8.3 Optimization Problems AP Calc I 1. A cylindrical can is to be

Transcription

8.3 Optimization Problems AP Calc I 1. A cylindrical can is to be
8.3 Optimization Problems
AP Calc I
1.
A cylindrical can is to be made to hold 1 L of oil. Find the dimensions that will minimize the cost of the
metal to manufacture the can.
2.
Find the point on the parabola y 2 = 2 x that is closest to the point (1, 4).
3.
Find the area of the largest rectangle that can be inscribed in a semicircle of radius r.
4.
The sum of two nonnegative numbers is 20. Find the numbers if the sum of their squares is to be as
small as possible.
5.
What is the smallest perimeter for a rectangle whose area is 16 square inches?
6.
Show that among all rectangles with an 8 foot perimeter, the one with the largest area is a square.
7.
You are planning to make an open rectangular box from an 8 inch by 15 inch piece of cardboard by
cutting squares from corners and folding up the sides. What are the dimensions of the box of largest
volume you can make this way?
8.
A rectangular plot of farmland will be bounded on one side by a river and on the other three sides by a
single-strand electric fence. With 800 m of wire at your disposal, what is the largest area you can
enclose?
9.
A 216 square meter rectangular pea patch is to be enclosed by a fence and divided into two equal parts
by another fence parallel to one of the sides. What dimensions for the outer rectangle will require the
smallest total length of fence? How much fence will be needed?
10.
The product of two positive numbers is 16. Find the numbers if the sum of one of the numbers and the
square of the other number is the least amount.
11.
An open box is to be constructed from a rectangular piece of cardboard which is 12 inches long and 8
inches wide by cutting equal squares from each corner and then turning up the sides. Find the
maximum volume of such a box.
12.
A dairy farmer plans to fence in a rectangular pasture adjacent to a river. The pasture must contain
180,000 square meters in order to provide enough grass for the herd. What dimensions would require
the least amount of fencing if no fencing is needed along the river?
13.
An open box is to be constructed from a rectangular piece of cardboard which is 24 inches long and 15
inches wide by cutting equal squares from each corner and then turning up the sides. Find the
maximum volume of such a box.
14.
Suppose you are building a rectangular stock pen using 600 feet of fencing. You will use part of this
fencing to build a fence across the middle of the rectangle. Find the length and width of the rectangle
that give the maximum total area.
15.
A six-room motel is to be built with the floor plan shown.

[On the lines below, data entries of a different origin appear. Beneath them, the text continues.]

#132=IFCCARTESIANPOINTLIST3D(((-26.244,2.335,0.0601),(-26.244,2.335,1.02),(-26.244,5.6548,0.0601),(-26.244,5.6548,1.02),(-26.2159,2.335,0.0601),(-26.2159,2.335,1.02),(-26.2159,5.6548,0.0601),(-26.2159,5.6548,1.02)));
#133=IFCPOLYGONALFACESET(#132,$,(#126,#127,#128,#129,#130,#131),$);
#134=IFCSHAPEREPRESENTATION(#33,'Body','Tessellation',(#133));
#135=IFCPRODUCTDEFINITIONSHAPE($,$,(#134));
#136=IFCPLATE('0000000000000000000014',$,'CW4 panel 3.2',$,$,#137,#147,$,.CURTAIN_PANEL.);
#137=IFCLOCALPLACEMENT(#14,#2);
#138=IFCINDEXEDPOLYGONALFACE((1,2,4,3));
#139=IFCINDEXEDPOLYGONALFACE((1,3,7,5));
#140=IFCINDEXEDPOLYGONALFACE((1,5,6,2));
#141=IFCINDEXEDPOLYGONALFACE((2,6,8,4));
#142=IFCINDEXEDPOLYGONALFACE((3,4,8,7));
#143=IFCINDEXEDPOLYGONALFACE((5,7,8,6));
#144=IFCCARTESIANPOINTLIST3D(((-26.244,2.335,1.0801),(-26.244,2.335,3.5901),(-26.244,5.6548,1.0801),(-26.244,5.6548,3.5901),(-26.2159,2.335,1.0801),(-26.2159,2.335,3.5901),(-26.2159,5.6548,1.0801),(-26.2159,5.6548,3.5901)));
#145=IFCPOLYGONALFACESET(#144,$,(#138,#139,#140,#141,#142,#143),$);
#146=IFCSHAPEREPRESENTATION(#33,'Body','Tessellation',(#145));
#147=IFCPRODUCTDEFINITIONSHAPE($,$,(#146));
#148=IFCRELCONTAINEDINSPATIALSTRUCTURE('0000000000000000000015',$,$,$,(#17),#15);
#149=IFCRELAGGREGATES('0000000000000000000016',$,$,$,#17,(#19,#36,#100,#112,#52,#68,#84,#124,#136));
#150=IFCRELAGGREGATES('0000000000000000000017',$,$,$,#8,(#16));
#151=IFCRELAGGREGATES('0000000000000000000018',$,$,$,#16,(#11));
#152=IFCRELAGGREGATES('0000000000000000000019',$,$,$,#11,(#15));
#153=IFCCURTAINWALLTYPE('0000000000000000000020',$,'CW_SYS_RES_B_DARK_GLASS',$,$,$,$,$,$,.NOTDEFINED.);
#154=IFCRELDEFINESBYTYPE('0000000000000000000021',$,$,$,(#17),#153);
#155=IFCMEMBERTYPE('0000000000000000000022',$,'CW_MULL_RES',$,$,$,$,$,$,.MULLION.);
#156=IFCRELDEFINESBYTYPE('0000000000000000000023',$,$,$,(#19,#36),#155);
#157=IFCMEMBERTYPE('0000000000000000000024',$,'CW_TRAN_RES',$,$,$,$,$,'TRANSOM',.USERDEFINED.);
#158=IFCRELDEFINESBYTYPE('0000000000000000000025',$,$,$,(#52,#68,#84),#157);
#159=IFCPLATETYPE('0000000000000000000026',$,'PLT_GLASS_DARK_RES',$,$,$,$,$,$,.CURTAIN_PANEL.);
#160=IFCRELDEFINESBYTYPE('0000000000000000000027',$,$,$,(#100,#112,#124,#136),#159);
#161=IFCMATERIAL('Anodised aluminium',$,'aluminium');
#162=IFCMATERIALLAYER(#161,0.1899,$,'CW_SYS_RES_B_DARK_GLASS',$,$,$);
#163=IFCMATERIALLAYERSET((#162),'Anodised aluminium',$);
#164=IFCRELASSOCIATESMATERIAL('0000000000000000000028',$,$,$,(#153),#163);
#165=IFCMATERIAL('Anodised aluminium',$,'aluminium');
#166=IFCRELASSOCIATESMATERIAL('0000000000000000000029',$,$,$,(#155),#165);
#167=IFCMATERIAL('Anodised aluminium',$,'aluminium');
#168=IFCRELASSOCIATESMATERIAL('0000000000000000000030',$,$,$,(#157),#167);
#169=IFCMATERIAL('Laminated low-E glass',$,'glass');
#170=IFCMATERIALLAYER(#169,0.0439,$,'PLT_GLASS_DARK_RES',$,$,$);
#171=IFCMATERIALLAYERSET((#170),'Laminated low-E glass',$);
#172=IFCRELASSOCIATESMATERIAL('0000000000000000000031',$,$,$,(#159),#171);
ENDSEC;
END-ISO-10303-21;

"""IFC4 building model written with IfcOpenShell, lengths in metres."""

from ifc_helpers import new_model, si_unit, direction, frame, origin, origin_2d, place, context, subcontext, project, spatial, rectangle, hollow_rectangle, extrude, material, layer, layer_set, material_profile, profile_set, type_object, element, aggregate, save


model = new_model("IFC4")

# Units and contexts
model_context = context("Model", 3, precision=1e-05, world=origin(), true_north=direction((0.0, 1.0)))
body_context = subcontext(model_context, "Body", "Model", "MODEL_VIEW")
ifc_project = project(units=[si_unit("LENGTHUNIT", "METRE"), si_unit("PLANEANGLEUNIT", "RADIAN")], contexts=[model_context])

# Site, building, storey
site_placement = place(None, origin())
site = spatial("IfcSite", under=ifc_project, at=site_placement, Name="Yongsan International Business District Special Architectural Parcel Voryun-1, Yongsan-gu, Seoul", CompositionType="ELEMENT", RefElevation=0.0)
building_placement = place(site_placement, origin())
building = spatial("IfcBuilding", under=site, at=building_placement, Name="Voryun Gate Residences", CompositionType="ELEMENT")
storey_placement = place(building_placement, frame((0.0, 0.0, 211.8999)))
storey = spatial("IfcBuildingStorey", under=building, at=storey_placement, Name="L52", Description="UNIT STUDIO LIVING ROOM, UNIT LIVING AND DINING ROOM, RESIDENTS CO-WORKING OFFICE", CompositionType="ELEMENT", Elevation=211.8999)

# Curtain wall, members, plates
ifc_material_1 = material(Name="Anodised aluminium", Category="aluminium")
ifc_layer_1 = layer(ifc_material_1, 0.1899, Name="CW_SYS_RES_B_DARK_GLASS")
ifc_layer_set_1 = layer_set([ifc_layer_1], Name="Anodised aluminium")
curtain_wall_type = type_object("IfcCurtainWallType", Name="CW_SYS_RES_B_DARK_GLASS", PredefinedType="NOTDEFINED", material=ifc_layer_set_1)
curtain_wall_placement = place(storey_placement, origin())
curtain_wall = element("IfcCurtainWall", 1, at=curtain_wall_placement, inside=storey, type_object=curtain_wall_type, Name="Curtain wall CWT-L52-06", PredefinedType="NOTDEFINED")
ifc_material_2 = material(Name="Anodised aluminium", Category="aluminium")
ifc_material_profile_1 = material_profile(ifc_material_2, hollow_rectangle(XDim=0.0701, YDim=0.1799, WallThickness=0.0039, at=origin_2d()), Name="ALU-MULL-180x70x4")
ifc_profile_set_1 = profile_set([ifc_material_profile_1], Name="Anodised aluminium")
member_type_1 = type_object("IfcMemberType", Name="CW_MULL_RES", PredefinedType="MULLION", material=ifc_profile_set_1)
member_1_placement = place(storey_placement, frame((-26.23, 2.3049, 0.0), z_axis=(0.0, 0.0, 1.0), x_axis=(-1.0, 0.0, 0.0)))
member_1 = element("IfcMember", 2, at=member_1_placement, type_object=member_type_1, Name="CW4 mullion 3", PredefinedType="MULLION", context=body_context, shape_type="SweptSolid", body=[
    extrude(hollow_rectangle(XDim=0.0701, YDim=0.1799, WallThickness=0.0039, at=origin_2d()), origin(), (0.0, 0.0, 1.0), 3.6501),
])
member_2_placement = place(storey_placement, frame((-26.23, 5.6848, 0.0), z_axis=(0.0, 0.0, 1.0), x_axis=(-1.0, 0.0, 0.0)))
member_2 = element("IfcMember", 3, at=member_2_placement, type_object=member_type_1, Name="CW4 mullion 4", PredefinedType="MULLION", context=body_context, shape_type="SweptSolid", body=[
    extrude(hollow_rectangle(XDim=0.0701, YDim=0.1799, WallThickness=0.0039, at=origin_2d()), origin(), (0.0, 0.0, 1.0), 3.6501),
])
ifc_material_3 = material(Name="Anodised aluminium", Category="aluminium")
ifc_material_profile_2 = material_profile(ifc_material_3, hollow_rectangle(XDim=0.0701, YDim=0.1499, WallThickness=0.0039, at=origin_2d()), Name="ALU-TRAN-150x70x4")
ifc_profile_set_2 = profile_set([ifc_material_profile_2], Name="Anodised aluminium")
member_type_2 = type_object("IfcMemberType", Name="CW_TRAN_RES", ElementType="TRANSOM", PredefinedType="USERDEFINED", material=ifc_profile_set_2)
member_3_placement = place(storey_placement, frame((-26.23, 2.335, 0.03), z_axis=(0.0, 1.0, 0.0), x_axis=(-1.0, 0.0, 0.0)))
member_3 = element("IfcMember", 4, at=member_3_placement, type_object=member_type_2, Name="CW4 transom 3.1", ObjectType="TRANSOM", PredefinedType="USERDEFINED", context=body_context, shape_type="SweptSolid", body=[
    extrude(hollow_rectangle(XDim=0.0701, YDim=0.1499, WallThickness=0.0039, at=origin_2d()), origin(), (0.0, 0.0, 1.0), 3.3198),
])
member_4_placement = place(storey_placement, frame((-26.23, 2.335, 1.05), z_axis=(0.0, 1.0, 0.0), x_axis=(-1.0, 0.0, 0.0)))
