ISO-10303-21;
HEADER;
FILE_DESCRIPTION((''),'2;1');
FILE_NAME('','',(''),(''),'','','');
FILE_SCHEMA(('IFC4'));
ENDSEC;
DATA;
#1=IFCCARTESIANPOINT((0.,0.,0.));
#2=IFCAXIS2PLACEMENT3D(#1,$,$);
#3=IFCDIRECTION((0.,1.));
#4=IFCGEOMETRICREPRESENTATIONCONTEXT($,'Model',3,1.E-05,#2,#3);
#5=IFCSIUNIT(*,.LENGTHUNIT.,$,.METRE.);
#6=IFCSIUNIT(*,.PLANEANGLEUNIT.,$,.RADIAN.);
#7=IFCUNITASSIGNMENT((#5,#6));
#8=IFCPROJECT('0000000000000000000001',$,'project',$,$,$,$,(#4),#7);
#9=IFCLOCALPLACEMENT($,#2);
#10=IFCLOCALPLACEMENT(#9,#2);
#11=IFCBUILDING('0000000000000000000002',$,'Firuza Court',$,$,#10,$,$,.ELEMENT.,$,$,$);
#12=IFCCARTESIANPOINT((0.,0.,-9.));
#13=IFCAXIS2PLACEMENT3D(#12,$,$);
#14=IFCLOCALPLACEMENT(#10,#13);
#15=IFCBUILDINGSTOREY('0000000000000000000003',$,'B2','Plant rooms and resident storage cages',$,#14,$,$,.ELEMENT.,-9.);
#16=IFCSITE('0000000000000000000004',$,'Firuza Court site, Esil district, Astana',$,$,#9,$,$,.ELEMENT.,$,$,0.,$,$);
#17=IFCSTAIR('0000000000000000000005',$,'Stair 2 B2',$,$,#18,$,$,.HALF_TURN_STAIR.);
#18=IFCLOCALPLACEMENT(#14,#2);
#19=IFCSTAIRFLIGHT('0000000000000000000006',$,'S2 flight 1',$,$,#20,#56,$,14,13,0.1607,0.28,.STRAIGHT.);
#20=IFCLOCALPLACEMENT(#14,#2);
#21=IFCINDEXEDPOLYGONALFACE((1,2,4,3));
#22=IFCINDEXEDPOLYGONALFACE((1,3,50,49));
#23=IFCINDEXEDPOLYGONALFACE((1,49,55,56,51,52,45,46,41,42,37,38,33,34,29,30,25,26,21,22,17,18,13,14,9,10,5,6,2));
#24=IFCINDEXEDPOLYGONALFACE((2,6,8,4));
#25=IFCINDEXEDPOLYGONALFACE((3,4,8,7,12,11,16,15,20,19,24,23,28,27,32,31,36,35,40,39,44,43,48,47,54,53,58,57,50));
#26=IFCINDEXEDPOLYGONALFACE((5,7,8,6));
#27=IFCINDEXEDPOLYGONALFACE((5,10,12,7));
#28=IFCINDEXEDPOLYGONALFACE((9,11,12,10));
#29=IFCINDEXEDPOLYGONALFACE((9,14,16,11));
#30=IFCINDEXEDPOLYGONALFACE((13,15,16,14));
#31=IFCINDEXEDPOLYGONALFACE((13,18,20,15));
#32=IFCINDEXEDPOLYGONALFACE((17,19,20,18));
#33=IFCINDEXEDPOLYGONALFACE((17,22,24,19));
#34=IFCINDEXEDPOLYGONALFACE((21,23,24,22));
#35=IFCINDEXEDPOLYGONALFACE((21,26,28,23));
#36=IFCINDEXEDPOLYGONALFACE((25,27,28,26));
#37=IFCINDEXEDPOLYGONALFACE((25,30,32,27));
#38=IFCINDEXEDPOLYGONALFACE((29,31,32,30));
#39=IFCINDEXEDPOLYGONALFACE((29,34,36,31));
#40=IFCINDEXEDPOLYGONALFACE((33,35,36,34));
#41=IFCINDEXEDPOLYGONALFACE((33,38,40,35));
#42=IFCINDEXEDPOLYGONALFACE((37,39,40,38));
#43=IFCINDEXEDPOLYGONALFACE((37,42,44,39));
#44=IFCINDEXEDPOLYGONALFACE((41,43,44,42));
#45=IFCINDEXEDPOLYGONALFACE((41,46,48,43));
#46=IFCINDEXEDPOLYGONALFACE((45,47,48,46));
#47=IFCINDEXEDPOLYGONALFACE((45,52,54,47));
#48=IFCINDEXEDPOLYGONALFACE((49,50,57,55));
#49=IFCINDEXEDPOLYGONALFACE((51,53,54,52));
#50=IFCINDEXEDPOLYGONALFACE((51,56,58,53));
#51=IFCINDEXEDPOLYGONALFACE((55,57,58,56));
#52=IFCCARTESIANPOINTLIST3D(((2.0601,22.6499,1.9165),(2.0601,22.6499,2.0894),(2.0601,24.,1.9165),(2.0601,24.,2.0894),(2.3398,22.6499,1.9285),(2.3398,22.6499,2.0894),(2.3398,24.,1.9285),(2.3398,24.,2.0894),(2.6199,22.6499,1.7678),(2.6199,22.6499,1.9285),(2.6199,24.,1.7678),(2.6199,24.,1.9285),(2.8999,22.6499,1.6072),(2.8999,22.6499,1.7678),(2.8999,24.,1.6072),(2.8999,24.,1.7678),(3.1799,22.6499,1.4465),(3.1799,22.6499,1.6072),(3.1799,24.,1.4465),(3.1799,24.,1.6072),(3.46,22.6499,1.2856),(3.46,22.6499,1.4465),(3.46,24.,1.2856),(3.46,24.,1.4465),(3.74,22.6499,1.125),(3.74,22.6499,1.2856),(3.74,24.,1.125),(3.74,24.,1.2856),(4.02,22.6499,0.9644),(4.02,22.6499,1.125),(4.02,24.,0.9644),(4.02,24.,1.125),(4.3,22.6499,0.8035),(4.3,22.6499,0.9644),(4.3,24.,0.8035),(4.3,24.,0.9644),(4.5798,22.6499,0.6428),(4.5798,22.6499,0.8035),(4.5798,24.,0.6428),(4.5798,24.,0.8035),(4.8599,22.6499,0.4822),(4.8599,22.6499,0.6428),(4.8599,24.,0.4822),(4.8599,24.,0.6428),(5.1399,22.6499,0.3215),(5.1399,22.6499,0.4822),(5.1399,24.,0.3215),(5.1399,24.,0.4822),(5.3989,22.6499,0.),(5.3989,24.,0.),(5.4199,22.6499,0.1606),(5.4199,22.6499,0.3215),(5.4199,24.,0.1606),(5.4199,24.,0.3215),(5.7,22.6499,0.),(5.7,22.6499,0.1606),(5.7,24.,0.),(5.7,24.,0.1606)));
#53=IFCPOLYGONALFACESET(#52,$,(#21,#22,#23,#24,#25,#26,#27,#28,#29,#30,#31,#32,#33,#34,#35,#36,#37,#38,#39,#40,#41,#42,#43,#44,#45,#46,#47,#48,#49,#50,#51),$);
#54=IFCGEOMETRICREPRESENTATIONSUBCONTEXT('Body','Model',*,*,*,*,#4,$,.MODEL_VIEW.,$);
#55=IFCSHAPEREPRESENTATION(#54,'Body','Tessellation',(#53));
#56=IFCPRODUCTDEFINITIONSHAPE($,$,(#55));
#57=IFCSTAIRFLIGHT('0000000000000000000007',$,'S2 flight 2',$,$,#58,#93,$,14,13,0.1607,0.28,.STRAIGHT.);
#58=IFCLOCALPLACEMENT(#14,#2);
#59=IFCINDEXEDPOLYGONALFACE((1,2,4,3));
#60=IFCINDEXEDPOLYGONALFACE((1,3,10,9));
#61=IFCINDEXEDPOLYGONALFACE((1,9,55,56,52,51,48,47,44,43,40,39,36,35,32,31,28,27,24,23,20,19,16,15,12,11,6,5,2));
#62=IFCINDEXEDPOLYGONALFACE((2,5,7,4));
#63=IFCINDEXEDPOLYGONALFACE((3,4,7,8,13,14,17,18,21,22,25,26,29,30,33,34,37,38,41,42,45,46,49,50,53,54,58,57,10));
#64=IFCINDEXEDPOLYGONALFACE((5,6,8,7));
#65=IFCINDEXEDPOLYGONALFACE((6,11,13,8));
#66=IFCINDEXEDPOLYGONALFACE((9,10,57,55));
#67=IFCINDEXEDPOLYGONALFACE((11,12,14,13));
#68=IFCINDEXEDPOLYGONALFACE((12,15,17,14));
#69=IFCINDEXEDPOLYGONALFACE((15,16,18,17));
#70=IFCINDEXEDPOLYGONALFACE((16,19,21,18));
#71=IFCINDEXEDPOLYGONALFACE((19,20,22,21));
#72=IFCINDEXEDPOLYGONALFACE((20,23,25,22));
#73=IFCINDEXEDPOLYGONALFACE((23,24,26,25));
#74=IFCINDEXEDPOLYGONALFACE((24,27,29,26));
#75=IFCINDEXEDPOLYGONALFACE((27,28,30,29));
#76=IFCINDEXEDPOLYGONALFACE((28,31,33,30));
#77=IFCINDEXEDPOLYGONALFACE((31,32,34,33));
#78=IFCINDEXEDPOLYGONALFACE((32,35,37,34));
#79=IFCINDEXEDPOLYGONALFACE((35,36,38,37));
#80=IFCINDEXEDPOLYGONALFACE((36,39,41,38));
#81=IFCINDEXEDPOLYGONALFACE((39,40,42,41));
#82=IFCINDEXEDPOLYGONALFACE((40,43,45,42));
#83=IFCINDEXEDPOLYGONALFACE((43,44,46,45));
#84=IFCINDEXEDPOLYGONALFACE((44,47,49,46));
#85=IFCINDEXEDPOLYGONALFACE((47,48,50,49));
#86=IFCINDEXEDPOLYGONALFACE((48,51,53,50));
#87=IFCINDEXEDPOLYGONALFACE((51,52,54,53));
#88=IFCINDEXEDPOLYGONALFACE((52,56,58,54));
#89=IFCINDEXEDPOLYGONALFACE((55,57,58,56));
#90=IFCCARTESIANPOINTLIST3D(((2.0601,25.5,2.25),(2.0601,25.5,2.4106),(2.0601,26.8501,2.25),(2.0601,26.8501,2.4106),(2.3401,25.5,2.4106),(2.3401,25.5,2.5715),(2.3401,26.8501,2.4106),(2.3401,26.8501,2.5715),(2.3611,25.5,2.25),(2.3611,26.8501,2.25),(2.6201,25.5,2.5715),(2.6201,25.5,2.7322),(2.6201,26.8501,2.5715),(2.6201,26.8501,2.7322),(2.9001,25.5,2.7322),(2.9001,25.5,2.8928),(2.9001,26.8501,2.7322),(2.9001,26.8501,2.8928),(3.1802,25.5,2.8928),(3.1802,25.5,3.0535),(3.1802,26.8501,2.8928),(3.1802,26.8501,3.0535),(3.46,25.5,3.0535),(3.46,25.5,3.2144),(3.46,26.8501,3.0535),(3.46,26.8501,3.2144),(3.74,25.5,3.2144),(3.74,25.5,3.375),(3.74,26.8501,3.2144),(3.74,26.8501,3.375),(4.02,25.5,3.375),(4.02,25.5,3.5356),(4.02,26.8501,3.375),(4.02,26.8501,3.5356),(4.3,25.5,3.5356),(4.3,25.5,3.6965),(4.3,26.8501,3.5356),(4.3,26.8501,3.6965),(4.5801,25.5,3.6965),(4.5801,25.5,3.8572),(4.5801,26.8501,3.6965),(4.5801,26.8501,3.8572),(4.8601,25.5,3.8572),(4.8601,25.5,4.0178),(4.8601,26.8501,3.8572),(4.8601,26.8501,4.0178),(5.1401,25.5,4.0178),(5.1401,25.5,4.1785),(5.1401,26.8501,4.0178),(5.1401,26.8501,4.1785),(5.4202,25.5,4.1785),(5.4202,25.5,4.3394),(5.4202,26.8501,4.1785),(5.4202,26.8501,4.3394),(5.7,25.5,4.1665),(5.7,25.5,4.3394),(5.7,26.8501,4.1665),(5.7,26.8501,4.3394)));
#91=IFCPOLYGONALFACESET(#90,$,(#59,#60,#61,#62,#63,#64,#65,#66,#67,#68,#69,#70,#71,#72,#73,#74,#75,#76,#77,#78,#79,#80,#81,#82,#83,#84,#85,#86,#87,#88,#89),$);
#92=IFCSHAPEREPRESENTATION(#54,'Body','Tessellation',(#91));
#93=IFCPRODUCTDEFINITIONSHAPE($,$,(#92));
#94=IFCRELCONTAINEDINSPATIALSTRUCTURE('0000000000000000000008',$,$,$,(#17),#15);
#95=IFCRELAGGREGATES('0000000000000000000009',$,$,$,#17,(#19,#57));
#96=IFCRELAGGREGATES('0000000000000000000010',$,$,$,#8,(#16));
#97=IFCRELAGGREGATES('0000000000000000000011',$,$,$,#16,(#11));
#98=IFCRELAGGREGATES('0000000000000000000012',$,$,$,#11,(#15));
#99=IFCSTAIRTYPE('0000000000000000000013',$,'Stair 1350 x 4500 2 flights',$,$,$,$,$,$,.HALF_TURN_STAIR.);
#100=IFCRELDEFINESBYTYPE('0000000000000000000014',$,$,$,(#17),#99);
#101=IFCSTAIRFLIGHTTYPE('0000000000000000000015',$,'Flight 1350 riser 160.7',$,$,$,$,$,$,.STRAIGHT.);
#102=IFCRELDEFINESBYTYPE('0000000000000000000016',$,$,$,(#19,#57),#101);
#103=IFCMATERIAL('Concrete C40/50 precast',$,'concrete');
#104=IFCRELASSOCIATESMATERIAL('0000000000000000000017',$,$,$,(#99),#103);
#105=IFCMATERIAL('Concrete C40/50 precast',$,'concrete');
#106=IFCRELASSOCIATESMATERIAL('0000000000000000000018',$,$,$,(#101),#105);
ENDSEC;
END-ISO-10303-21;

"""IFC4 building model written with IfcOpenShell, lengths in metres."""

from ifc_helpers import new_model, si_unit, direction, frame, origin, place, context, subcontext, project, spatial, polyline, outline, extrude, material, type_object, element, aggregate, save


model = new_model("IFC4")

# Units and contexts
model_context = context("Model", 3, precision=1e-05, world=origin(), true_north=direction((0.0, 1.0)))
body_context = subcontext(model_context, "Body", "Model", "MODEL_VIEW")
ifc_project = project(units=[si_unit("LENGTHUNIT", "METRE"), si_unit("PLANEANGLEUNIT", "RADIAN")], contexts=[model_context])

# Site, building, storey
site_placement = place(None, origin())
site = spatial("IfcSite", under=ifc_project, at=site_placement, Name="Firuza Court site, Esil district, Astana", CompositionType="ELEMENT", RefElevation=0.0)
building_placement = place(site_placement, origin())
building = spatial("IfcBuilding", under=site, at=building_placement, Name="Firuza Court", CompositionType="ELEMENT")
storey_placement = place(building_placement, frame((0.0, 0.0, -9.0)))
storey = spatial("IfcBuildingStorey", under=building, at=storey_placement, Name="B2", Description="Plant rooms and resident storage cages", CompositionType="ELEMENT", Elevation=-9.0)

# Stair, stair flights
ifc_material_1 = material(Name="Concrete C40/50 precast", Category="concrete")
stair_type = type_object("IfcStairType", Name="Stair 1350 x 4500 2 flights", PredefinedType="HALF_TURN_STAIR", material=ifc_material_1)
stair_placement = place(storey_placement, origin())
stair = element("IfcStair", 1, at=stair_placement, inside=storey, type_object=stair_type, Name="Stair 2 B2", PredefinedType="HALF_TURN_STAIR")
ifc_material_2 = material(Name="Concrete C40/50 precast", Category="concrete")
stair_flight_type = type_object("IfcStairFlightType", Name="Flight 1350 riser 160.7", PredefinedType="STRAIGHT", material=ifc_material_2)
stair_flight_1_placement = place(storey_placement, frame((5.7, 23.325, 0.0), z_axis=(0.0, 0.0, 1.0), x_axis=(-1.0, 0.0, 0.0)))
stair_flight_1 = element("IfcStairFlight", 2, at=stair_flight_1_placement, type_object=stair_flight_type, Name="S2 flight 1", NumberOfRisers=14, NumberOfTreads=13, PredefinedType="STRAIGHT", RiserHeight=0.1607, TreadLength=0.28, context=body_context, shape_type="SweptSolid", body=[
    extrude(outline(polyline([(0.0, 0.0), (0.0, 0.1606), (0.28, 0.1606), (0.28, 0.3215), (0.5601, 0.3215), (0.5601, 0.4822), (0.8401, 0.4822), (0.8401, 0.6428), (1.1201, 0.6428), (1.1201, 0.8035), (1.3999, 0.8035), (1.3999, 0.9644), (1.6799, 0.9644), (1.6799, 1.125), (1.96, 1.125), (1.96, 1.2856), (2.24, 1.2856), (2.24, 1.4465), (2.52, 1.4465), (2.52, 1.6072), (2.8, 1.6072), (2.8, 1.7678), (3.0801, 1.7678), (3.0801, 1.9285), (3.3601, 1.9285), (3.3601, 2.0894), (3.6399, 2.0894), (3.6399, 2.25), (3.6399, 1.9165), (0.301, 0.0), (0.0, 0.0)])), frame((0.0, 0.675, 0.0), z_axis=(0.0, -1.0, 0.0), x_axis=(1.0, 0.0, 0.0)), (0.0, 0.0, 1.0), 1.3501),
])
stair_flight_2_placement = place(storey_placement, frame((2.0601, 26.175, 2.25), z_axis=(0.0, 0.0, 1.0), x_axis=(1.0, 0.0, 0.0)))
stair_flight_2 = element("IfcStairFlight", 3, at=stair_flight_2_placement, type_object=stair_flight_type, Name="S2 flight 2", NumberOfRisers=14, NumberOfTreads=13, PredefinedType="STRAIGHT", RiserHeight=0.1607, TreadLength=0.28, context=body_context, shape_type="SweptSolid", body=[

Each room will have 350 square feet of floor space.
a. What dimensions should be used for the rooms in
order to minimize the total length of the walls?
350
ft2
b. How would your answer change if the motel had 10 rooms?
c. How would your answer change if the motel had 3 rooms?
16.
Ella Mentary has 600 feet of fencing to enclose two fields. One field will be a rectangle twice as long as
it is wide, and the other will be a square. The square field must contain at least 100 square feet. The
rectangular one must contain at least 800 square feet.
a. If x is the width of the rectangular field, what is the domain of x?
b. Plot the graph of the total area contained in the two fields as a function of x.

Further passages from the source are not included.